My schedule was tight, so instead of traveling all the way to Beijing we decided to visit Guangdong, the province once known as Canton. Guangzhou, the provincial capital, is an easy train ride, less than three hours, from downtown Hong Kong.

Through a travel agent we got visas effortlessly. No one even blinked at the notion of two Americans traveling to China.

"This car is going to be very smoky," Fox warned as we settled into our seats on the train. It was a reasonable assumption.
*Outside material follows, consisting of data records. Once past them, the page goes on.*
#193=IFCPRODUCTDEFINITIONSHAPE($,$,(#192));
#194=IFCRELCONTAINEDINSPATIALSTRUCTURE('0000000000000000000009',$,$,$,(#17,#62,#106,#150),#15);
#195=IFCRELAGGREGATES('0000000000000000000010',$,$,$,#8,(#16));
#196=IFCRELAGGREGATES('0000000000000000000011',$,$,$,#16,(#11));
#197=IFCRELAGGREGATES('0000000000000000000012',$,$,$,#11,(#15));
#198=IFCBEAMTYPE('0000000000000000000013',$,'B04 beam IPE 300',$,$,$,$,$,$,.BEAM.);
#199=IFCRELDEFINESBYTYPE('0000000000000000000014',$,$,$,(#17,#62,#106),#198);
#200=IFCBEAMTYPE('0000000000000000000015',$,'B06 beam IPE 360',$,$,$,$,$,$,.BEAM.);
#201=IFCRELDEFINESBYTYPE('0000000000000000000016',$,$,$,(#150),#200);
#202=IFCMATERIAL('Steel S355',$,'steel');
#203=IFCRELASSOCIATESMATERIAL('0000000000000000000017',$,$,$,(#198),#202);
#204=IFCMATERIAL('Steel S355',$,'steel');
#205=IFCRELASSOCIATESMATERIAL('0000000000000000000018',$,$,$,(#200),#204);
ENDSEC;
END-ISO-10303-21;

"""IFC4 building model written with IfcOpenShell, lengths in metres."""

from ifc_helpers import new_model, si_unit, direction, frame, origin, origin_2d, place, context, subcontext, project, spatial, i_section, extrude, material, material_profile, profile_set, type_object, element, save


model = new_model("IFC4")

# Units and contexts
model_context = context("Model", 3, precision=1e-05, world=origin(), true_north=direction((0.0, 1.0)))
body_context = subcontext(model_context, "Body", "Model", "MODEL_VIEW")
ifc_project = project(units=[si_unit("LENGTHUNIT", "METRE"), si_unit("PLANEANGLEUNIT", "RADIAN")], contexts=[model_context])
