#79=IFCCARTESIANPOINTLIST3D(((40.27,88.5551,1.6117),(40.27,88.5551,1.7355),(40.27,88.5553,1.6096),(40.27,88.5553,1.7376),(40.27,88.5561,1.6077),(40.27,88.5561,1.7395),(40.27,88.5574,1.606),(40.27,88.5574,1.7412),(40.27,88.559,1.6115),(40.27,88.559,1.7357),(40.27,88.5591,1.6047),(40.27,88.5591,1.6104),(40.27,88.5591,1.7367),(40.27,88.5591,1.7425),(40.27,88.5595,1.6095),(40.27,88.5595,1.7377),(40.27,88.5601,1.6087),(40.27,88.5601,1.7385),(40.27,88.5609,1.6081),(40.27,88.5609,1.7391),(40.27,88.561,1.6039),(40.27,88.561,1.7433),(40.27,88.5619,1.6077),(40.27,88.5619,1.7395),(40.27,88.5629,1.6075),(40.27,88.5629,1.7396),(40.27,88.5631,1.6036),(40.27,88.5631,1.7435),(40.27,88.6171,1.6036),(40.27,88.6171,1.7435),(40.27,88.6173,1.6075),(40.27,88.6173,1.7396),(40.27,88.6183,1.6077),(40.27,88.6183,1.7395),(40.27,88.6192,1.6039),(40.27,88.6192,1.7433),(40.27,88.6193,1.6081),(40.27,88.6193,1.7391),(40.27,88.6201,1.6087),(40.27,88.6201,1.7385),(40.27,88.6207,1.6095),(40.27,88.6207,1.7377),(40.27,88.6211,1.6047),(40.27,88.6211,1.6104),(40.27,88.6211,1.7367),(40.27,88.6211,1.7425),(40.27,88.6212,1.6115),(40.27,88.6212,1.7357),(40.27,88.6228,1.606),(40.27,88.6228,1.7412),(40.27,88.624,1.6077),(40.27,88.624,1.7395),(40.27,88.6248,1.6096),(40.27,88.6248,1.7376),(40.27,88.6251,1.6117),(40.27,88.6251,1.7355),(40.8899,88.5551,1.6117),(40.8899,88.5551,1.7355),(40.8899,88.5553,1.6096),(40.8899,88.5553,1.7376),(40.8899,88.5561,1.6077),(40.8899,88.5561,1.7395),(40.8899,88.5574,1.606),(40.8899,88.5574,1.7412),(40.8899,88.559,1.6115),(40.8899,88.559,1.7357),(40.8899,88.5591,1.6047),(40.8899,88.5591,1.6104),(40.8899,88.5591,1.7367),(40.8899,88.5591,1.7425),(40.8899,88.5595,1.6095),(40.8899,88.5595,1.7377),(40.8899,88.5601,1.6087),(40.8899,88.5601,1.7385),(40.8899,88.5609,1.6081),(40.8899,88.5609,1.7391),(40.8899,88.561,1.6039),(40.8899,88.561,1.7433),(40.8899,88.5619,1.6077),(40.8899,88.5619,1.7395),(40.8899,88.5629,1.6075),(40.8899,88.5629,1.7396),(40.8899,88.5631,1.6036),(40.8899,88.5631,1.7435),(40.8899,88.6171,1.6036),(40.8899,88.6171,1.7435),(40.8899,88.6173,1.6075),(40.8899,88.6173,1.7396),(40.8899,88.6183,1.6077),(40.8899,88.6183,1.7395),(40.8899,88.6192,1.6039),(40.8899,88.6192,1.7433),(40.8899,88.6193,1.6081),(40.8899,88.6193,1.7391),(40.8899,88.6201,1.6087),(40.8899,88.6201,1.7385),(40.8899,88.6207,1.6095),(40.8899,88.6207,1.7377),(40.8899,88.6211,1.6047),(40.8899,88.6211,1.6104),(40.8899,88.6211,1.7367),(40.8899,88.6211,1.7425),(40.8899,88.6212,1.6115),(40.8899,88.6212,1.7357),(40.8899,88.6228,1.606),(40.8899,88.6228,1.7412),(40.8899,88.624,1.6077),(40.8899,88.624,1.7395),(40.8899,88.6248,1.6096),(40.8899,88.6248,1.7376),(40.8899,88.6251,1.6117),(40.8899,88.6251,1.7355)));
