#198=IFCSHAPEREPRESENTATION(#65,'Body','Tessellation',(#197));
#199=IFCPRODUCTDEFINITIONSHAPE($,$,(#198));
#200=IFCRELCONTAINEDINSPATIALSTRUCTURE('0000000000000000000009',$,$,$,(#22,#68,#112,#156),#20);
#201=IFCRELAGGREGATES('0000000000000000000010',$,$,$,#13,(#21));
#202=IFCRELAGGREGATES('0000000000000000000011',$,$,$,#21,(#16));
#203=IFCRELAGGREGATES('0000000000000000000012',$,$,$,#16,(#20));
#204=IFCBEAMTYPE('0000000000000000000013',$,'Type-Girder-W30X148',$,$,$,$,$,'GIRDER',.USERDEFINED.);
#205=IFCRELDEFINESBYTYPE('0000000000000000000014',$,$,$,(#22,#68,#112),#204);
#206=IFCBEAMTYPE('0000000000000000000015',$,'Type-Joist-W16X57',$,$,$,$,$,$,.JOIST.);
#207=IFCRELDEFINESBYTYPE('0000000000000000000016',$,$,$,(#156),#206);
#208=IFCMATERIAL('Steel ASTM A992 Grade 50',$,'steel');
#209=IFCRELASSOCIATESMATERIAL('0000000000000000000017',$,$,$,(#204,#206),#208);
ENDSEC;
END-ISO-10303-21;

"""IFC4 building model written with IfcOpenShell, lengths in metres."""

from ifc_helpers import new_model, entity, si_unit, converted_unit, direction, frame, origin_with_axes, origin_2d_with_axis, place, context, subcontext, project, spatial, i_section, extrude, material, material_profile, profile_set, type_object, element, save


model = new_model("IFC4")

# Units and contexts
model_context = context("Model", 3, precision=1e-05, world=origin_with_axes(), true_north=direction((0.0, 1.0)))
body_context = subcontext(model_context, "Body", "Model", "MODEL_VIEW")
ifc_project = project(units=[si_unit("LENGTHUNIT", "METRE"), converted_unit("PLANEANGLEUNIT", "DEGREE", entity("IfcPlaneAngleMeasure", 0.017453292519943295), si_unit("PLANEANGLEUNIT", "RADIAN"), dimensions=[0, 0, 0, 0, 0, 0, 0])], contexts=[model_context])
Many Chinese are enthusiastic cigarette consumers, and in the front of the car were three huge, multicolor ads for American cigarette brands.

But directly above one of the signs was a much smaller announcement: "No smoking."

That was the first of our surprises.

"In the old days," Fox said, "you would never have seen a sign like that."

Agricultural Statistics

In those same "old" days, maybe seven years before this expedition, the loudspeakers on the train probably would have blared communist propaganda, Fox said, or the latest agricultural statistics.

Instead--surprise No. 2--what we heard was the Chinese version of elevator music. And it wasn't even that Chinese. The first tune was a souped-up version of Stevie Wonder's "I Just Called To Say I Love You."

The train passed through Hong Kong's New Territories--a lush, subtropical region marked by dense forests of papaya trees. In their midst sprang "instant" cities, high-rise communities constructed abruptly to house upwards of 200,000 people in a single resettlement.

Bright patches of laundry of every size and color made a kind of abstract painting of the windows and balconies. But I wondered: In such steamy weather, how did the clothes ever dry?

Crossing the Border

Crossing the border at Lo Wu, the last vestige of Hong Kong, we entered Shenzhen, our first taste of China. As an indication of the expansion of Guandong's population, Shenzhen has grown from about 20,000 in 1980 to more than a million today. In turn, the province has swollen to 100 million.

Years ago, Fox said, we would have had to get out and go through customs and a rigorous luggage search. The process took so long that train passengers planned to have a leisurely lunch while they were waiting. Now all we did was fill out a short form to present to authorities in Guangzhou.

"Your first Chinese guards," Fox said, and pointed to two men in uniforms the color of split-pea soup. They looked young and watchful.

Around them a swarm of peasant workers in conical rattan hats and blue uniforms were clearing the land for more housing and industrial facilities.

Pink Hibiscus

Where shimmering green rice paddies had been stripped for new development, rich red soil peeked through. Giant pink hibiscus blossoms clung to the trees that had not been felled for construction.

Our friends in Hong Kong were not generous in their descriptions of Guangzhou. It's an unattractive, dirty, industrial town, they said. One guest called Guangzhou "the Buffalo of China." But another said that was unfair, that it was much more like Dayton.

But struggling for a U.S. comparison, Fox and I found ourselves thinking more of some place like Galveston, Tex.

Muggy and congested, the subtropical metropolis of Guangzhou is the most important industrial and foreign trade center in south China.

At least 100 U.S. companies maintain operations in Guangzhou, and the city's Chinese Export Commodities Fair attracts exhibitors and traders from around the world. Cargo vessels clog the Pearl River, a waterway that bears more resemblance to unset concrete than to a glistening gemstone.